Are gcc and clang wrong to accept a friend function accessing a befriended class's private members?

Question

In a class template A, a different instance of A is befriended. Specifically A<T> and A<T const> befriend each other (see below). This should not mean that friends of, say, A<T> should be able to access private members of A<T const> or vice versa. But apparently gcc and clang accept this.

#include <type_traits>

template <typename T>  
struct A { 
 private:
  T value{};

 public:
  using InvT = std::conditional_t<std::is_const_v<T>, std::remove_const_t<T>, std::add_const_t<T>>;
  friend A<InvT>;

  friend bool operator==(A const& a, A<InvT> const& b) noexcept {
    return a.value == b.value;
    //                  ^^^^^ private. should not be accessible
  }
};

Are they just wrong to accept this?

Answer 1

This is CWG 1699: if a friend function is defined lexically within the class definition, does the friend get access to everything that the class has access to? Clang and GCC currently consider the answer to be "yes". MSVC considers the answer to be "no". All implementations agree that when the definition of a friend function is outside the class, the body of the function doesn't automatically get access to all names that the class has access to.

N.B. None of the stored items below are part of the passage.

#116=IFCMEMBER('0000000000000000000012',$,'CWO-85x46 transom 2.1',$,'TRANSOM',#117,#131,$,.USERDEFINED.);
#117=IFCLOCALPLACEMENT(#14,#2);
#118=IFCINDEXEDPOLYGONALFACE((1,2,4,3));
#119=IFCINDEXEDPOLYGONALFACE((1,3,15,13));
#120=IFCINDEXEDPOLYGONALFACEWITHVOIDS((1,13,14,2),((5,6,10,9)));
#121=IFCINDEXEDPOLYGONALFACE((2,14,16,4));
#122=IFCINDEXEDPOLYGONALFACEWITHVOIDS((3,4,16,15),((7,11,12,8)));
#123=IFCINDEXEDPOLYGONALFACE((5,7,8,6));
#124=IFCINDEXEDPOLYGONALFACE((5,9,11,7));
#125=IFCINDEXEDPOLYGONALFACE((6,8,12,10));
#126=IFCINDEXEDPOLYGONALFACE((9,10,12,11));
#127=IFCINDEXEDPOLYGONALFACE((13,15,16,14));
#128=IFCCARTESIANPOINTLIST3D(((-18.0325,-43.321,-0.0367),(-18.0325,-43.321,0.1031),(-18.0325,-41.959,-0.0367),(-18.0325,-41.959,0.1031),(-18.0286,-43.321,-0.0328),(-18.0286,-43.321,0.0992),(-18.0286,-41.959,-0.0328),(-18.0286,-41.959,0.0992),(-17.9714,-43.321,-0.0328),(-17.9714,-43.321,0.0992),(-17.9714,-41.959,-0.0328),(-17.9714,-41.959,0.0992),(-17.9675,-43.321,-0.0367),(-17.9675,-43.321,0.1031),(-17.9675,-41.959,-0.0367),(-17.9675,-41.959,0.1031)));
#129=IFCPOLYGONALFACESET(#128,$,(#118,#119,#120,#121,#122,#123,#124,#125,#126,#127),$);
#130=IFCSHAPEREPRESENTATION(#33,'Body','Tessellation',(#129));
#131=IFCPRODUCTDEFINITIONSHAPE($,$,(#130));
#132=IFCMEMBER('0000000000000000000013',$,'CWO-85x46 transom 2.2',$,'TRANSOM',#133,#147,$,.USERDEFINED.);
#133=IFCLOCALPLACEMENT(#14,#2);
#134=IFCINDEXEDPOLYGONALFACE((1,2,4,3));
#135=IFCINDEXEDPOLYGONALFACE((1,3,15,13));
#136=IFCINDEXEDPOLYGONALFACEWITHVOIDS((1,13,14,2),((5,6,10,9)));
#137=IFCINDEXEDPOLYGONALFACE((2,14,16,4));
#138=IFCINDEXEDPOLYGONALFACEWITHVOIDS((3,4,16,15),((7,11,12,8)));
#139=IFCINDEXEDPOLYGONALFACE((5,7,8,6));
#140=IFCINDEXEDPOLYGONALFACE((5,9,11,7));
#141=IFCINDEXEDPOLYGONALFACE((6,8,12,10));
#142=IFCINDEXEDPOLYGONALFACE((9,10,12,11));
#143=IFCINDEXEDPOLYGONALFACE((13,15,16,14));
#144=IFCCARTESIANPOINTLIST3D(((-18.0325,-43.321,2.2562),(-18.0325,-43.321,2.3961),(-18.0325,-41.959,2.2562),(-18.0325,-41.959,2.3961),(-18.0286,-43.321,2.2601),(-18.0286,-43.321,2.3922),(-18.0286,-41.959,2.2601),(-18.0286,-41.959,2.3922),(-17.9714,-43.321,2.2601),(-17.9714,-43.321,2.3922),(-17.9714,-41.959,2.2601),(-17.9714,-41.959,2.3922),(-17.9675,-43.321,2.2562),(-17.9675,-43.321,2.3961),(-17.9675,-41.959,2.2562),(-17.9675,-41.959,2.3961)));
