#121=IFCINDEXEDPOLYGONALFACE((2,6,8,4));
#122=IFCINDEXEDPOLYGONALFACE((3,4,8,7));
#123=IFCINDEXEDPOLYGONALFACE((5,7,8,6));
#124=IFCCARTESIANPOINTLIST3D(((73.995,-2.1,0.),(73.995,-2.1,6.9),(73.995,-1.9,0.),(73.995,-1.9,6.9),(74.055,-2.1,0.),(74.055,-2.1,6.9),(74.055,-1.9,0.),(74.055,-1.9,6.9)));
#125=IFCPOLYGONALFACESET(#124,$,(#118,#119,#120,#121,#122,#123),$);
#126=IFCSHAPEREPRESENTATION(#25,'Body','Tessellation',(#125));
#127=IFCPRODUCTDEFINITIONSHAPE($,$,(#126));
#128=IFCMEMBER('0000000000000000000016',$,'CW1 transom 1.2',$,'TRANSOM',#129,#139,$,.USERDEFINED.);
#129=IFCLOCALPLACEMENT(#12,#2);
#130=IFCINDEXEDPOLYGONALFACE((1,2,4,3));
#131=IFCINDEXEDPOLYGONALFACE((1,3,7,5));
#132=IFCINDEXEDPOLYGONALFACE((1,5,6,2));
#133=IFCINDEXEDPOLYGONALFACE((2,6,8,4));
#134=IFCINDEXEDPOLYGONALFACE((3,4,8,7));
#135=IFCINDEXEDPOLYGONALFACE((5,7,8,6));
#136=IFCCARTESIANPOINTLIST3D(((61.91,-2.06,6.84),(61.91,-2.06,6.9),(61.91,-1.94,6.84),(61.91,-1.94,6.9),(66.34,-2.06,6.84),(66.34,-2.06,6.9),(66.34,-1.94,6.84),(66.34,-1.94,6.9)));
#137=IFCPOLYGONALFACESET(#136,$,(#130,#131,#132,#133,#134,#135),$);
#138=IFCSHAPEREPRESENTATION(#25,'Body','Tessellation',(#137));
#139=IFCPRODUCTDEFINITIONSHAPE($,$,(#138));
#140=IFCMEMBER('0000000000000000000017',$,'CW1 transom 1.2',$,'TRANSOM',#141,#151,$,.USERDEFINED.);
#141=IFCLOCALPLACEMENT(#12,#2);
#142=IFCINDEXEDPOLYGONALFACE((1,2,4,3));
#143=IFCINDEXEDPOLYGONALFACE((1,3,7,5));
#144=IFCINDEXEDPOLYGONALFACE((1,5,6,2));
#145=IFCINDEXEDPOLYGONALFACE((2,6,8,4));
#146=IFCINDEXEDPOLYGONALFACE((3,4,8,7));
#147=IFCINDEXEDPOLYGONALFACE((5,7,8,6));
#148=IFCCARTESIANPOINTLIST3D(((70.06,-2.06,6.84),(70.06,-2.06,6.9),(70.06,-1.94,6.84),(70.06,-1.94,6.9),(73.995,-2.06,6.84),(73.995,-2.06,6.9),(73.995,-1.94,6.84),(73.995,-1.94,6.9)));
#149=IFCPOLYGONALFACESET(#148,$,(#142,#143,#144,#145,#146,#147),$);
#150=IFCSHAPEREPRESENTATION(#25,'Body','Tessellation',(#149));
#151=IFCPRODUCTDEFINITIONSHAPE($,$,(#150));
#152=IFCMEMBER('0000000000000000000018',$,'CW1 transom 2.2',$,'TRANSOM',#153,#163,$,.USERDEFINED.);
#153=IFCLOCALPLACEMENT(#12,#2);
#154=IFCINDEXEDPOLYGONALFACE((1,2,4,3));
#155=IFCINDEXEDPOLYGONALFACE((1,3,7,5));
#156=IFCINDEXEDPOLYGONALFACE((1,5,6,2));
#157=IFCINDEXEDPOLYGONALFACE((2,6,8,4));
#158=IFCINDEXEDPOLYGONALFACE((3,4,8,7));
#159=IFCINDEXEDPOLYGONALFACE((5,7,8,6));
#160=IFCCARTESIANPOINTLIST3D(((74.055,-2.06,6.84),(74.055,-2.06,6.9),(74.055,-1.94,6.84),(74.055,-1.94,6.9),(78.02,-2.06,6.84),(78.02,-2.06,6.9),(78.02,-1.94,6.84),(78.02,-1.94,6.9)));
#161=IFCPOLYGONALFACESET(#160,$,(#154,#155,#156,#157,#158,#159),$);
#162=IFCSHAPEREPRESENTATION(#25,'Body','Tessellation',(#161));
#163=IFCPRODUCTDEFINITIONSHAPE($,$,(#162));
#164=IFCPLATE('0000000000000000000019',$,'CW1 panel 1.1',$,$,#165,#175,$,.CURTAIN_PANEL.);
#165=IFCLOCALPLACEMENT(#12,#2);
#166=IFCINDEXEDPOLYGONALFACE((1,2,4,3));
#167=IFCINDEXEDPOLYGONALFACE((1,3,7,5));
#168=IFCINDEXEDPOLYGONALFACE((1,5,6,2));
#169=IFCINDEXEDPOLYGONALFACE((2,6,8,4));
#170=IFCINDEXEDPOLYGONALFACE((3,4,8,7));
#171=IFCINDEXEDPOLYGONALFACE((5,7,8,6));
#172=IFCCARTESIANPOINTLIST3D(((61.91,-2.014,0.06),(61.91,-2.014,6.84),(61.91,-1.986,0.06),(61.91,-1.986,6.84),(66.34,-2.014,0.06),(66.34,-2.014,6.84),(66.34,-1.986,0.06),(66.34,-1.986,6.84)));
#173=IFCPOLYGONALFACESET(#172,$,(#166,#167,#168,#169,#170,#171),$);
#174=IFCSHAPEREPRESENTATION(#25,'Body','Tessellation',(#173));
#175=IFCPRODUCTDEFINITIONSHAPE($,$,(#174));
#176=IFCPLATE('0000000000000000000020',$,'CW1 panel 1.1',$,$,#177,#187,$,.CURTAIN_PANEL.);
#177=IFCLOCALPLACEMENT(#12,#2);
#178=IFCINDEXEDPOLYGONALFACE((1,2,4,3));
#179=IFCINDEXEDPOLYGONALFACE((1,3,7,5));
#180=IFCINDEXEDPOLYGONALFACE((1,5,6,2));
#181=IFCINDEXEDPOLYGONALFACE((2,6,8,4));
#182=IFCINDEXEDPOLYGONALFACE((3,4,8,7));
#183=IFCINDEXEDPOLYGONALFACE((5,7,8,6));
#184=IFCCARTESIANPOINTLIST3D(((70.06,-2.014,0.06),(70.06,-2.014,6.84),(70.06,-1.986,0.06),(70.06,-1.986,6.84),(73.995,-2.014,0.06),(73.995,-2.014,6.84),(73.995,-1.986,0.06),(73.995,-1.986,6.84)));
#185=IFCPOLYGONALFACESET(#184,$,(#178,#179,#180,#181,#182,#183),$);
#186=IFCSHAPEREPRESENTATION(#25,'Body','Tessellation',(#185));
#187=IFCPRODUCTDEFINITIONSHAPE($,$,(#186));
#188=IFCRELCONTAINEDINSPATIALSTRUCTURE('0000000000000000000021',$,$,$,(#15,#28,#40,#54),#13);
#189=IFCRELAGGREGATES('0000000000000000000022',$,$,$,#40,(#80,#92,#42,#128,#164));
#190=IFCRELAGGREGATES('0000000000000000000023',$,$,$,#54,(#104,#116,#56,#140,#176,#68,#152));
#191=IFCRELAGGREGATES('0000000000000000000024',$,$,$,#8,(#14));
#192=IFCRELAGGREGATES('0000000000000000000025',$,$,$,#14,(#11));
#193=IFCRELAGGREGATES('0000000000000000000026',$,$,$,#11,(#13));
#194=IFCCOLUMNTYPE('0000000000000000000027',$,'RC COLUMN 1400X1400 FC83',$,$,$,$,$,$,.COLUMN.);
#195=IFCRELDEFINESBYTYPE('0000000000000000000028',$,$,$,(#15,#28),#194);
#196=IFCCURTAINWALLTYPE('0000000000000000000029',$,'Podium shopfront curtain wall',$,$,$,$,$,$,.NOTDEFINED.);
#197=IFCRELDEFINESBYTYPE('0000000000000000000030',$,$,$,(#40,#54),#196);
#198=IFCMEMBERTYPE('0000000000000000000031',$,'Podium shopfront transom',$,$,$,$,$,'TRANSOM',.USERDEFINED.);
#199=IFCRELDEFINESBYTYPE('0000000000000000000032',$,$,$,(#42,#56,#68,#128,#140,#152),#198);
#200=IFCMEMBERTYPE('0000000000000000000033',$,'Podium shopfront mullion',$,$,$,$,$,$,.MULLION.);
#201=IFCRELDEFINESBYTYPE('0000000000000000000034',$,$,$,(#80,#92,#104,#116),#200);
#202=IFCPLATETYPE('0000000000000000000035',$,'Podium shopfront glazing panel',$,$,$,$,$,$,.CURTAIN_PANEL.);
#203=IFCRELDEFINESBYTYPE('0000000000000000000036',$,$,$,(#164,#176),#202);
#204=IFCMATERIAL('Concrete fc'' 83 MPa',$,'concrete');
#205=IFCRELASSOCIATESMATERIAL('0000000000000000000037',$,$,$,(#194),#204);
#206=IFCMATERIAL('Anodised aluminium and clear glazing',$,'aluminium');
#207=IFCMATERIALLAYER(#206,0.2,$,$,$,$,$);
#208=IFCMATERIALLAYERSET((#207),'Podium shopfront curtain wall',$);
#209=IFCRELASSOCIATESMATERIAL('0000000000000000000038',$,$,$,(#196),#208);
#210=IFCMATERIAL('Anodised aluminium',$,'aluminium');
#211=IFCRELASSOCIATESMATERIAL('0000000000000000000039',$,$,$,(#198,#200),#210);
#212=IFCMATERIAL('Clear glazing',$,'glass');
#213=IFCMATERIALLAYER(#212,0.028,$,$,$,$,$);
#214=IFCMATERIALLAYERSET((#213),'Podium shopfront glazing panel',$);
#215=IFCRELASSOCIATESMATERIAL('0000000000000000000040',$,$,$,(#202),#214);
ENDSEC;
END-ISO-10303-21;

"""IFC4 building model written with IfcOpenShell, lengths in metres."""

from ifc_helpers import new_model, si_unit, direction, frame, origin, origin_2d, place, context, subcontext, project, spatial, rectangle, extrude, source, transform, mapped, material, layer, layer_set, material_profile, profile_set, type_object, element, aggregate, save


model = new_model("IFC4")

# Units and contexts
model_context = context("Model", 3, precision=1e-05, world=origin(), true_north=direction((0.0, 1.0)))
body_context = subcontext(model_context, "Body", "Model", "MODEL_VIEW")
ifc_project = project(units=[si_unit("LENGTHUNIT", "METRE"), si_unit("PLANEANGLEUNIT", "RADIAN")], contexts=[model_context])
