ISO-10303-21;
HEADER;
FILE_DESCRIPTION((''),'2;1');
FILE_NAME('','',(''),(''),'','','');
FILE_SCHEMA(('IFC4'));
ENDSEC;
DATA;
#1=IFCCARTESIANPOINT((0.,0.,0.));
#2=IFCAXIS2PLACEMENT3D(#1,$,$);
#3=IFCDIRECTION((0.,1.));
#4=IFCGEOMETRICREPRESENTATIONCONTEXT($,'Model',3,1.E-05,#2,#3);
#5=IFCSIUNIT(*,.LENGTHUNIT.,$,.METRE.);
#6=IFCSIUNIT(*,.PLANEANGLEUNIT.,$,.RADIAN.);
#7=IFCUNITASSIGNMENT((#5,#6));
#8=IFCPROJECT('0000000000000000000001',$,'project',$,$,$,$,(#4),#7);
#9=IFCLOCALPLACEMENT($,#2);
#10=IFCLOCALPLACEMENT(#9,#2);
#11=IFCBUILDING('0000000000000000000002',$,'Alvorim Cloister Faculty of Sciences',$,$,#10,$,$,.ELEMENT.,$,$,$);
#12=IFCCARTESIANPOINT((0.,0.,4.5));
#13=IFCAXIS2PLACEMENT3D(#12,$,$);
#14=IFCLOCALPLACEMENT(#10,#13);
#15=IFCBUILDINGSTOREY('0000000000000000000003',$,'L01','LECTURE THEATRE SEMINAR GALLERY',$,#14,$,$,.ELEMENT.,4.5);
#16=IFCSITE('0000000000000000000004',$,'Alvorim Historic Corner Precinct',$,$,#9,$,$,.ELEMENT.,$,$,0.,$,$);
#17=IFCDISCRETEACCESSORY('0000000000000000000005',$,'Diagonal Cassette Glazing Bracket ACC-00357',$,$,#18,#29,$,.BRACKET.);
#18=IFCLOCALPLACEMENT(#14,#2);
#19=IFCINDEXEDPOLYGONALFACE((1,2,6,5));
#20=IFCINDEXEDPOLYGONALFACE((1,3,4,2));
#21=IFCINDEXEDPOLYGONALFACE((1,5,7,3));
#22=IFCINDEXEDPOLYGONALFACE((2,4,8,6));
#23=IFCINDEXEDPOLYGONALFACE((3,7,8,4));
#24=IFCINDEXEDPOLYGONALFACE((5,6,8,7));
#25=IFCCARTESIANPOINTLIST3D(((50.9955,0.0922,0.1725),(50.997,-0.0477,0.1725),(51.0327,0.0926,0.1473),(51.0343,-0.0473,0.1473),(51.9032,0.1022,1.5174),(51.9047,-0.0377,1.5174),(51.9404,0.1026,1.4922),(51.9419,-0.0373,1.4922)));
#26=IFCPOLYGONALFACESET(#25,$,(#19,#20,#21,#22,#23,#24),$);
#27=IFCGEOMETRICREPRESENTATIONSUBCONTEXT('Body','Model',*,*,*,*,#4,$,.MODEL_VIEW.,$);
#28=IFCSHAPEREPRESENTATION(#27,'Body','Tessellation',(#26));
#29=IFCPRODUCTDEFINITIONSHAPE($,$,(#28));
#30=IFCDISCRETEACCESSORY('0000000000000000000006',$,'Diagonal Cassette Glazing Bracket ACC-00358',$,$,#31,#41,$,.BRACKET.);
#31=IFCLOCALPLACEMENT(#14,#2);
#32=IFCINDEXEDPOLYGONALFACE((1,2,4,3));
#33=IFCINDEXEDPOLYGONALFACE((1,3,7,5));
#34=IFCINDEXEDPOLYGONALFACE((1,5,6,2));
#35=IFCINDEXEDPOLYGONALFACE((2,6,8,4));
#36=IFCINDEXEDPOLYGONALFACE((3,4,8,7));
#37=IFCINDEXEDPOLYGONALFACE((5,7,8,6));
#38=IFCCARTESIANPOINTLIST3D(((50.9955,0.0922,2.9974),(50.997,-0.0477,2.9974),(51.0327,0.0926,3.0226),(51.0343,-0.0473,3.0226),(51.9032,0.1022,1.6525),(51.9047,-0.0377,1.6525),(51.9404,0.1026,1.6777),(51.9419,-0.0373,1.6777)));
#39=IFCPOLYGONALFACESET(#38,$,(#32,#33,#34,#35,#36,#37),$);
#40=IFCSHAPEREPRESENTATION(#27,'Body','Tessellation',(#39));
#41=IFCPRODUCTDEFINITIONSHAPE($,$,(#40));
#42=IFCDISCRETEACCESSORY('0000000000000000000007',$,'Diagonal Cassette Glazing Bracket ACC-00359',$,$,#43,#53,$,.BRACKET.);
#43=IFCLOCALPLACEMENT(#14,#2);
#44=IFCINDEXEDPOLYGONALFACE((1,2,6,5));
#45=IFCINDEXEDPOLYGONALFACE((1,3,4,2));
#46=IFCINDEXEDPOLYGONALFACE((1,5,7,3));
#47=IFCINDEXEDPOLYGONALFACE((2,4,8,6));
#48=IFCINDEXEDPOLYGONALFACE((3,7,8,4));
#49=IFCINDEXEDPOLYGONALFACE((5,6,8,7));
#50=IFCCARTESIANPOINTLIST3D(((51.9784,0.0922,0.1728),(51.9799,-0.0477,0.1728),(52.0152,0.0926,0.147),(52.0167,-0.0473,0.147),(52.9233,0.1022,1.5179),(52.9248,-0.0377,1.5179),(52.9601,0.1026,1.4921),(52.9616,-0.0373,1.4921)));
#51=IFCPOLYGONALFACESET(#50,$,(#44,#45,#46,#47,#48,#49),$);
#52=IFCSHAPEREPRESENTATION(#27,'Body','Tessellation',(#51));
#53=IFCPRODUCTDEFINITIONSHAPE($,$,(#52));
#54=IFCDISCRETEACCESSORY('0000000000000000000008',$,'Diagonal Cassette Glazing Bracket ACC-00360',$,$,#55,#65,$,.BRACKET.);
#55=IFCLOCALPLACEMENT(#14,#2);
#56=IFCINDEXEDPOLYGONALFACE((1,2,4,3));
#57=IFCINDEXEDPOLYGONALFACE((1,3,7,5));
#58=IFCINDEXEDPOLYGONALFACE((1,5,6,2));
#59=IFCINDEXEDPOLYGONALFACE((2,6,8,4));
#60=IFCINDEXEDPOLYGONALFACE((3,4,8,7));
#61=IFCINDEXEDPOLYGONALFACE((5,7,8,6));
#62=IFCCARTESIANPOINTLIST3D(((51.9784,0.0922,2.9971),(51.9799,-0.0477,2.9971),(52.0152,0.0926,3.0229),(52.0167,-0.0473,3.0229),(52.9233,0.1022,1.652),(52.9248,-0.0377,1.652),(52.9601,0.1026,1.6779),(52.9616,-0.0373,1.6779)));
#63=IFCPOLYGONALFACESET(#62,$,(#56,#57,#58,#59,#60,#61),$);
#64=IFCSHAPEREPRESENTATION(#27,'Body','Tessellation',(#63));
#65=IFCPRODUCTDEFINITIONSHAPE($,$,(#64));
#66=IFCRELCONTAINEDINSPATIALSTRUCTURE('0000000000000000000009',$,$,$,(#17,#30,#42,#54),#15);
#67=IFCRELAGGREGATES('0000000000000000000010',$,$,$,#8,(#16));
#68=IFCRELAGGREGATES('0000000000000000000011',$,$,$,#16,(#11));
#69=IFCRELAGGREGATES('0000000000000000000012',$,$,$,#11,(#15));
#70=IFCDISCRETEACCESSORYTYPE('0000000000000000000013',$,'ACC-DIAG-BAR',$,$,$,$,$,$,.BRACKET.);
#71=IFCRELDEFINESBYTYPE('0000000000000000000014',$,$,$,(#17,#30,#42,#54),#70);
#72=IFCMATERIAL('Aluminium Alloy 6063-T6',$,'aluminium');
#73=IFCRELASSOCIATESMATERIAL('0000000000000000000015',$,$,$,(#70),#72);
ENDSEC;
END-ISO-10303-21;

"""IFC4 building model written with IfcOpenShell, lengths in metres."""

from ifc_helpers import new_model, si_unit, direction, frame, origin, origin_2d, place, context, subcontext, project, spatial, rectangle, extrude, material, type_object, element, save


model = new_model("IFC4")

# Units and contexts
model_context = context("Model", 3, precision=1e-05, world=origin(), true_north=direction((0.0, 1.0)))
body_context = subcontext(model_context, "Body", "Model", "MODEL_VIEW")
ifc_project = project(units=[si_unit("LENGTHUNIT", "METRE"), si_unit("PLANEANGLEUNIT", "RADIAN")], contexts=[model_context])

# Site, building, storey
site_placement = place(None, origin())
site = spatial("IfcSite", under=ifc_project, at=site_placement, Name="Alvorim Historic Corner Precinct", CompositionType="ELEMENT", RefElevation=0.0)
building_placement = place(site_placement, origin())
building = spatial("IfcBuilding", under=site, at=building_placement, Name="Alvorim Cloister Faculty of Sciences", CompositionType="ELEMENT")
storey_placement = place(building_placement, frame((0.0, 0.0, 4.5)))
storey = spatial("IfcBuildingStorey", under=building, at=storey_placement, Name="L01", Description="LECTURE THEATRE SEMINAR GALLERY", CompositionType="ELEMENT", Elevation=4.5)

# Shared definitions
ifc_material_1 = material(Name="Aluminium Alloy 6063-T6", Category="aluminium")

# Discrete accessories
discrete_accessory_type = type_object("IfcDiscreteAccessoryType", Name="ACC-DIAG-BAR", PredefinedType="BRACKET", material=ifc_material_1)
for number, where, z_axis, x_axis, name in (
    (1, (51.0149, 0.0225, 0.1599), (0.559403, 0.006169, 0.828873), (-0.011027, 0.999939, 0.0), "Diagonal Cassette Glazing Bracket ACC-00357"),
    (2, (51.0149, 0.0225, 3.01), (0.559403, 0.006169, -0.828873), (-0.011027, 0.999939, 0.0), "Diagonal Cassette Glazing Bracket ACC-00358"),
):
    element("IfcDiscreteAccessory", number, at=place(storey_placement, frame(where, z_axis=z_axis, x_axis=x_axis)), inside=storey, type_object=discrete_accessory_type, Name=name, PredefinedType="BRACKET", context=body_context, shape_type="SweptSolid", body=[
        extrude(rectangle(XDim=0.1399, YDim=0.0449, at=origin_2d()), origin(), (0.0, 0.0, 1.0), 1.6226),
    ])
for number, where, z_axis, x_axis, name in (
    (3, (51.9976, 0.0225, 0.1599), (0.574817, 0.00609, 0.81826), (-0.010594, 0.999944, 0.0), "Diagonal Cassette Glazing Bracket ACC-00359"),
    (4, (51.9976, 0.0225, 3.01), (0.574817, 0.00609, -0.81826), (-0.010594, 0.999944, 0.0), "Diagonal Cassette Glazing Bracket ACC-00360"),
):
    element("IfcDiscreteAccessory", number, at=place(storey_placement, frame(where, z_axis=z_axis, x_axis=x_axis)), inside=storey, type_object=discrete_accessory_type, Name=name, PredefinedType="BRACKET", context=body_context, shape_type="SweptSolid", body=[
        extrude(rectangle(XDim=0.1399, YDim=0.0449, at=origin_2d()), origin(), (0.0, 0.0, 1.0), 1.6438),
    ])

save(model, "model.ifc")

In your example, because the operator== in question is defined inside the definition of A<const int>, the friend function gets access to everything that A<const int> has access to, which includes all of A<int>'s private members since A<int> has declared A<const int> to be its friend.

If the friend declaration of operator== is made into a forward declaration and the definition of that operator== is supplied out-of-line, then all three compilers reject the code since friendship is not transitive.

If the inline friend definition is kept but the declaration friend A<InvT>; is removed, then Clang rejects the code but GCC continues to accept it. This is probably a bug in GCC.